I can see how a massive Oregon, naked birding event, with yurts, tipis, horses, subarus and a whole lot of orgone, estrogen, testosterone, birdsong and Woodstock overtones might clear this whole camo-girlie fetish fashion shit show, right outta there.
posted by Oyéah at 8:09 PM on January 11, 2016 [1 favorite]


This isn't confined to just this thread, but if you have a comment to make, maybe use more than just one word to do it.
posted by gadge emeritus at 8:30 PM on January 11, 2016 [2 favorites]


Why?
posted by Confess, Fletch at 8:32 PM on January 11, 2016 [14 favorites]


One answer is that because your tone doesn't convey in text, one word can be taken in many ways, and so in this instance (just as an example) I don't know if you're just being snarky and dismissive or actually want to know my reasons for saying it. And if you're just being snarky and dismissive then all you're doing is making the conversation worse.
posted by gadge emeritus at 8:41 PM on January 11, 2016 [5 favorites]


And it's also pronounced "orehgun"

"Or' hə-gun?" That doesn't seem right.
posted by rhizome at 8:53 PM on January 11, 2016


I had a whole bunch of other words initially, when starting my comment. Honestly, reducing it down to just one word ended up having the comment significantly less snarky and dismissive.

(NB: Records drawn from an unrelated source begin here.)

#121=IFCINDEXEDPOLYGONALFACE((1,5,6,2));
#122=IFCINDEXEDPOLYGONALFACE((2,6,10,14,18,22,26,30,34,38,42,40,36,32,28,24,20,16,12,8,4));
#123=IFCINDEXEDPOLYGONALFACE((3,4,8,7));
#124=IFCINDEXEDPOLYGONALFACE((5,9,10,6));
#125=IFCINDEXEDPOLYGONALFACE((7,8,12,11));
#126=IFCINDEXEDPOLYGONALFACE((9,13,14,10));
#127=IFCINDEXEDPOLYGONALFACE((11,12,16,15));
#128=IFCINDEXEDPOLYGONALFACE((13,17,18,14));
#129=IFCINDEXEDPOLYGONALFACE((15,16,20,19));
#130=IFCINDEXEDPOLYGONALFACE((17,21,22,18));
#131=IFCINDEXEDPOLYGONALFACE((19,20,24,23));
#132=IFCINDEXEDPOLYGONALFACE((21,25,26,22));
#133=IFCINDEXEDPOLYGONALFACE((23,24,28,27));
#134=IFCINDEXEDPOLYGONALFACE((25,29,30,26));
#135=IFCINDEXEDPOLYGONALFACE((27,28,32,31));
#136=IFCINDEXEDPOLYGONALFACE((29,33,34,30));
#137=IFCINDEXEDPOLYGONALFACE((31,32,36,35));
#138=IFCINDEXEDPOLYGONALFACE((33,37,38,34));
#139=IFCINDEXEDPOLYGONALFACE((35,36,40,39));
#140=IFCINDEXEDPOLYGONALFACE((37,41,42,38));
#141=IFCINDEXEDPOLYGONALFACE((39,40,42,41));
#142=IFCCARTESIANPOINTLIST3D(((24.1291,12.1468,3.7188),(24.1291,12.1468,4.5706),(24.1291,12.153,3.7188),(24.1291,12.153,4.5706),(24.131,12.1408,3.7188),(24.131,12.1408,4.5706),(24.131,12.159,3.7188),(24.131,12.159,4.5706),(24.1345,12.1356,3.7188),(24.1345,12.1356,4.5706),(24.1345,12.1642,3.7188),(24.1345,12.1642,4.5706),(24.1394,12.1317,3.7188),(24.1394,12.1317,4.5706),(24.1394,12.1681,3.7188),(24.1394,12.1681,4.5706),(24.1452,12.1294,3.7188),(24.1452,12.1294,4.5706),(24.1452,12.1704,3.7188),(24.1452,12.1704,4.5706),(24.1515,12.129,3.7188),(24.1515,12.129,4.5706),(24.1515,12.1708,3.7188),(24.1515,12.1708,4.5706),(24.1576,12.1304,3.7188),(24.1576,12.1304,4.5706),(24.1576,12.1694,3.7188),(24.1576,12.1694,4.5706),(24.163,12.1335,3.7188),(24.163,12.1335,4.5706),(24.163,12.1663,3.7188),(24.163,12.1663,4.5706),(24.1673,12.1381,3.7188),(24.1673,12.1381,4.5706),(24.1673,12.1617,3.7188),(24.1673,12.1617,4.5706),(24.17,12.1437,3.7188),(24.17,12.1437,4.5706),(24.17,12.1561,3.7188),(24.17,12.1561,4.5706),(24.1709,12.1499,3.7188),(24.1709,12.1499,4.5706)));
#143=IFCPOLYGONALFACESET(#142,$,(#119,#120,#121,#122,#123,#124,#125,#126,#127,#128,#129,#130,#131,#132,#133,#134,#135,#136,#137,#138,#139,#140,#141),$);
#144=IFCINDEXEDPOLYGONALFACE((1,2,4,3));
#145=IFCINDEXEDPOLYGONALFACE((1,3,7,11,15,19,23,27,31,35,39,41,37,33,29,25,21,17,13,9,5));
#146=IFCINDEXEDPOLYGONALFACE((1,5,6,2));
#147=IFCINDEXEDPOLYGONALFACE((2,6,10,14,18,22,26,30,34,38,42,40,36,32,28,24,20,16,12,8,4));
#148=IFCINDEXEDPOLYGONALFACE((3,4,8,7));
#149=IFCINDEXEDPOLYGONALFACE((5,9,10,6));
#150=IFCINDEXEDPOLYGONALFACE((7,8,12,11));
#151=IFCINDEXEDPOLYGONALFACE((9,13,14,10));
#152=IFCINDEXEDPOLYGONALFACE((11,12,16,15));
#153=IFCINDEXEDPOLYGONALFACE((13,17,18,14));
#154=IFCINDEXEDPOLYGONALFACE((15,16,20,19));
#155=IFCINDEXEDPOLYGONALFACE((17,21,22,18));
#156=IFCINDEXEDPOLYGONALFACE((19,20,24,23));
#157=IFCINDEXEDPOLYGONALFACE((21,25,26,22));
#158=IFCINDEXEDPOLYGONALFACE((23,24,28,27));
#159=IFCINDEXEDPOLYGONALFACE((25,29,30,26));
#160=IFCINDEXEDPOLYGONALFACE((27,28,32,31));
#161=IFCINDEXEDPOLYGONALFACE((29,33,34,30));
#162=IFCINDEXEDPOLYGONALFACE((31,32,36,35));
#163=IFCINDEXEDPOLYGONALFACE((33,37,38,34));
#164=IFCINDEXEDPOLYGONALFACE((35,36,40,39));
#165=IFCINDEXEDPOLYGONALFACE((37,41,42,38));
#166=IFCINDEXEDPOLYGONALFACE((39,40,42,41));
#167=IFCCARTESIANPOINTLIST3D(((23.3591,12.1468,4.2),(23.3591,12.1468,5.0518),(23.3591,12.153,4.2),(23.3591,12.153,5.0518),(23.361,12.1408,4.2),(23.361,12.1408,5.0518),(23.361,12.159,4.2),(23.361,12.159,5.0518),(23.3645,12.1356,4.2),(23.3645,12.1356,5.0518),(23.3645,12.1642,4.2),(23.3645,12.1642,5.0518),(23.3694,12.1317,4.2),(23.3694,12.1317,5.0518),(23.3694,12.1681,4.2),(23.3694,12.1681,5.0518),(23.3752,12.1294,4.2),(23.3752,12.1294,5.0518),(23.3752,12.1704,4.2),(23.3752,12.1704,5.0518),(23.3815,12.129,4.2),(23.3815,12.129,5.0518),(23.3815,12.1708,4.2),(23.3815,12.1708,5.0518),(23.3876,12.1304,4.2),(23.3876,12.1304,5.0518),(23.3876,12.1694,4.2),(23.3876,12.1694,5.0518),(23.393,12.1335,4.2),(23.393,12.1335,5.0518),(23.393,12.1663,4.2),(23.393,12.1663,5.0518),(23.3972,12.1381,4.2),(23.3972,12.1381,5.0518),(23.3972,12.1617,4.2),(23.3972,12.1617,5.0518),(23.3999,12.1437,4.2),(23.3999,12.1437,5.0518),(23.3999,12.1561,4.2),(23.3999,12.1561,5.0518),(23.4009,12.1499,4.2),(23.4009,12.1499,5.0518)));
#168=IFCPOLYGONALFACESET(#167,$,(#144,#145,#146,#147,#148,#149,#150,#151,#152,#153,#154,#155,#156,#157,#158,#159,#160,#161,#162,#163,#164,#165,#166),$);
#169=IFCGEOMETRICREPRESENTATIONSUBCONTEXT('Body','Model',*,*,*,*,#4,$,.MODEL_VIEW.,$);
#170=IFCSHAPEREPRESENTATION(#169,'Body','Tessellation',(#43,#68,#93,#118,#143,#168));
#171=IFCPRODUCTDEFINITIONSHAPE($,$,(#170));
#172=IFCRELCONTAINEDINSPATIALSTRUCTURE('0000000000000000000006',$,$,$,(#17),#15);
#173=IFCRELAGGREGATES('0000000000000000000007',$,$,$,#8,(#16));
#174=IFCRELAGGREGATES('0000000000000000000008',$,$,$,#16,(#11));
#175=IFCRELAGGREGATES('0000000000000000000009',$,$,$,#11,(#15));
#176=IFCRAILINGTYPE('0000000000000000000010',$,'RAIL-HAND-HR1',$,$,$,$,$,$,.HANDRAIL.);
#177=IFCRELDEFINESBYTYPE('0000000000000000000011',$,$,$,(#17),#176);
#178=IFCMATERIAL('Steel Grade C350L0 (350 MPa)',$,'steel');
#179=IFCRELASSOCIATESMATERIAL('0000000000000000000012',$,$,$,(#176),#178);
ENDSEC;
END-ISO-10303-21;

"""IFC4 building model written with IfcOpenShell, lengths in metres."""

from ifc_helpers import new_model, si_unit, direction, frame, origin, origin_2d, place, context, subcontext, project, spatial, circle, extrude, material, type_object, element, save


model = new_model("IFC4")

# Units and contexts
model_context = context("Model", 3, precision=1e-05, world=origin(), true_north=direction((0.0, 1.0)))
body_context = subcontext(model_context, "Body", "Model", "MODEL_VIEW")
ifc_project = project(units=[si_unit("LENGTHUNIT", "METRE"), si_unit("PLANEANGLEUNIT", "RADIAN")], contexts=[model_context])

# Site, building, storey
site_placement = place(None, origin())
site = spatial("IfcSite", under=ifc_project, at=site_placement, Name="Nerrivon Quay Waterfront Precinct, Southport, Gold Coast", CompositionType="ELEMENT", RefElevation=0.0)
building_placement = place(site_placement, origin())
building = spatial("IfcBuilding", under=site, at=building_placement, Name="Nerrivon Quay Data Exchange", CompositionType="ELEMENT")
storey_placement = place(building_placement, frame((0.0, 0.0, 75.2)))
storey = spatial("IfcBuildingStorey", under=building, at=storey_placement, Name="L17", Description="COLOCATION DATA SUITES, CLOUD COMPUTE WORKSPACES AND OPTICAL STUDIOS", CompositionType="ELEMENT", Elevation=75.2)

That being said, it seems ironic that people here are apparently fighting for the right to post dossiers, and one thread over people are fighting to have their names removed from a PDF that mirrors content that is already here on metafilter. Don't get me wrong, I think the comment was posted with the best of intentions, but I also think that posting lists of names (that commentators earlier in the thread thought should be killed) isn't very appropriate for metafilter.

The fact that klangklangston literally doesn't know exactly what we are talking about while simultaneously suggesting that the entire thread should be deleted 'if the problem is Newsfilter' seems a bit much.

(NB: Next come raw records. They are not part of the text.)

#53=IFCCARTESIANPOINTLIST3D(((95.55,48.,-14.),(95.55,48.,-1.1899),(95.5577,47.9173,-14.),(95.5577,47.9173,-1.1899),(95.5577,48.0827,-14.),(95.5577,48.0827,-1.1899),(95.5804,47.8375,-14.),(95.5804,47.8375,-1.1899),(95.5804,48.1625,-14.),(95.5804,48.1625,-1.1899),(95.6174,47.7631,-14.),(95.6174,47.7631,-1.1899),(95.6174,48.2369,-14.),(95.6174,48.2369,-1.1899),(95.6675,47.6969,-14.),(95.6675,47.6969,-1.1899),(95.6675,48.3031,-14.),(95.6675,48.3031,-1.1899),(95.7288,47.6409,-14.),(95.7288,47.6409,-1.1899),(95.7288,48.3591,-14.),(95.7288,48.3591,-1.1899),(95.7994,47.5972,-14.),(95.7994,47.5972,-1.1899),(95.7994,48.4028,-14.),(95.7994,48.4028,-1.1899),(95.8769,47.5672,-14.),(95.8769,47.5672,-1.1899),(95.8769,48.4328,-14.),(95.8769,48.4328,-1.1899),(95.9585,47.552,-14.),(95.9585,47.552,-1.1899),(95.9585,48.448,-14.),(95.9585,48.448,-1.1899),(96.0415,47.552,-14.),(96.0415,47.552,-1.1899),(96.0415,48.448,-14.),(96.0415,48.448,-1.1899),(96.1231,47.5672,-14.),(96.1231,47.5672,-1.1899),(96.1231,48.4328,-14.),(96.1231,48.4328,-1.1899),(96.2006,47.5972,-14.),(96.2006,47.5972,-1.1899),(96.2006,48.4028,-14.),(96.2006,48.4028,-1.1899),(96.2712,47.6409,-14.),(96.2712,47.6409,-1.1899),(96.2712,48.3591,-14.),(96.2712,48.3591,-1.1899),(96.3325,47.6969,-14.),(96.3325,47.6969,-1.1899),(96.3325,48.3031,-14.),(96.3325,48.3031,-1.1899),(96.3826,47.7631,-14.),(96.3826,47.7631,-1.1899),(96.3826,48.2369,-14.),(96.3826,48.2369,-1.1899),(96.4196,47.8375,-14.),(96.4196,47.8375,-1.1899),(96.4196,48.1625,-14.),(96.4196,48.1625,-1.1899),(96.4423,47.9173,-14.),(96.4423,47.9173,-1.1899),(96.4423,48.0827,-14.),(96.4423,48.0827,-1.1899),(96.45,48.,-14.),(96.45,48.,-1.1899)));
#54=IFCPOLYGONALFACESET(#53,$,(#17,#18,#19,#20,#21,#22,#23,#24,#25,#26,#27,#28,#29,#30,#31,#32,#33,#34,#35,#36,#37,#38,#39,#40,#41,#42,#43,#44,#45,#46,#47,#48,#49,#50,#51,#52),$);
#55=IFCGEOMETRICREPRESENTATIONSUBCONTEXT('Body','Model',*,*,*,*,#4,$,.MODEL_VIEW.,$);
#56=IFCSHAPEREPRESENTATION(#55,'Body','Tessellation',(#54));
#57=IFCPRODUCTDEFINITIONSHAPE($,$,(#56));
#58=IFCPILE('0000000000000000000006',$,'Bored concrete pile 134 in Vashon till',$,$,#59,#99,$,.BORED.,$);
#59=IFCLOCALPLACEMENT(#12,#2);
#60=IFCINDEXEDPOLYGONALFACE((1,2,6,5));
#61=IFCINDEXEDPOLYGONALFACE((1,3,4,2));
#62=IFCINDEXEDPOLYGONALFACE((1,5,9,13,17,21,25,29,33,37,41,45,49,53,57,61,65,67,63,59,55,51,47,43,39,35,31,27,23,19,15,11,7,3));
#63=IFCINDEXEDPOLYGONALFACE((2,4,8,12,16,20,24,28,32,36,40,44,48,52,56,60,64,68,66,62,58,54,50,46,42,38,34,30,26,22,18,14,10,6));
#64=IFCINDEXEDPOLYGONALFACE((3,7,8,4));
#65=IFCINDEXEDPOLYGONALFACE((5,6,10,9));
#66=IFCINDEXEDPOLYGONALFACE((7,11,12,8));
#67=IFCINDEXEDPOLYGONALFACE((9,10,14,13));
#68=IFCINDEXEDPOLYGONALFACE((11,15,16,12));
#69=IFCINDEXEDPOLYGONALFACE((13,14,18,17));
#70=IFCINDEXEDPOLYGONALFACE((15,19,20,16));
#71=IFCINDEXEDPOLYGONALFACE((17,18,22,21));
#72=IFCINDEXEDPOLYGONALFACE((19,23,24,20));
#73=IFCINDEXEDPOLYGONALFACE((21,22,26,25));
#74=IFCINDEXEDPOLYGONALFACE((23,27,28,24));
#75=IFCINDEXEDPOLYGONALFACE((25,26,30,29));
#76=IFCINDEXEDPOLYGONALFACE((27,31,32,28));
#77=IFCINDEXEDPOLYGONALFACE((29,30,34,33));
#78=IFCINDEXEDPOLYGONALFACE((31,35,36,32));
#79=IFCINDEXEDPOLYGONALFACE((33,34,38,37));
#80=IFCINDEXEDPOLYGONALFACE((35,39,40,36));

All that being said, I think the comment "Um..." was appropriate and perhaps less snarky and dismissive than this comment.
posted by el io at 9:28 PM on January 11, 2016 [4 favorites]


Personally, I disagree. Your fuller comment not only addresses the question of the thread, but also shows you weren't just drive-by dismissing for the joy of being a bit of a dick on the internet. The entire effect still contains your reaction, but it comes off as not knee-jerk but instead an actual contribution.

I find it much more preferable than just one word. One word answers too often come across as the contributions of sullen teenagers, who only want to communicate disdain and superiority.
posted by gadge emeritus at 9:45 PM on January 11, 2016 [3 favorites]


A note: I didn't mean to give the impression that the discussion about the Emotional Labor PDF was inappropriate. I'm happy that the PDF creator is working very hard to accommodate every request, and I don't mean to be dismissive of the concerns that people had about that document being passed around. People aren't 'fighting' to have their information removed, they're asking nicely and the requests are being granted. That being said, I still think its ironic that the EL 'remove my information please' thread is right next to this one.
posted by el io at 10:29 PM on January 11, 2016


Origami attack
posted by Namlit at 6:18 AM on January 12, 2016 [1 favorite]


I find it much more preferable than just one word. One word answers too often come across as the contributions of sullen teenagers, who only want to communicate disdain and superiority.

Florb!
posted by Alvy Ampersand at 7:29 AM on January 12, 2016 [1 favorite]


In the Oregan under attack thread

Can we have a pile-on about this misspelling? I mean really.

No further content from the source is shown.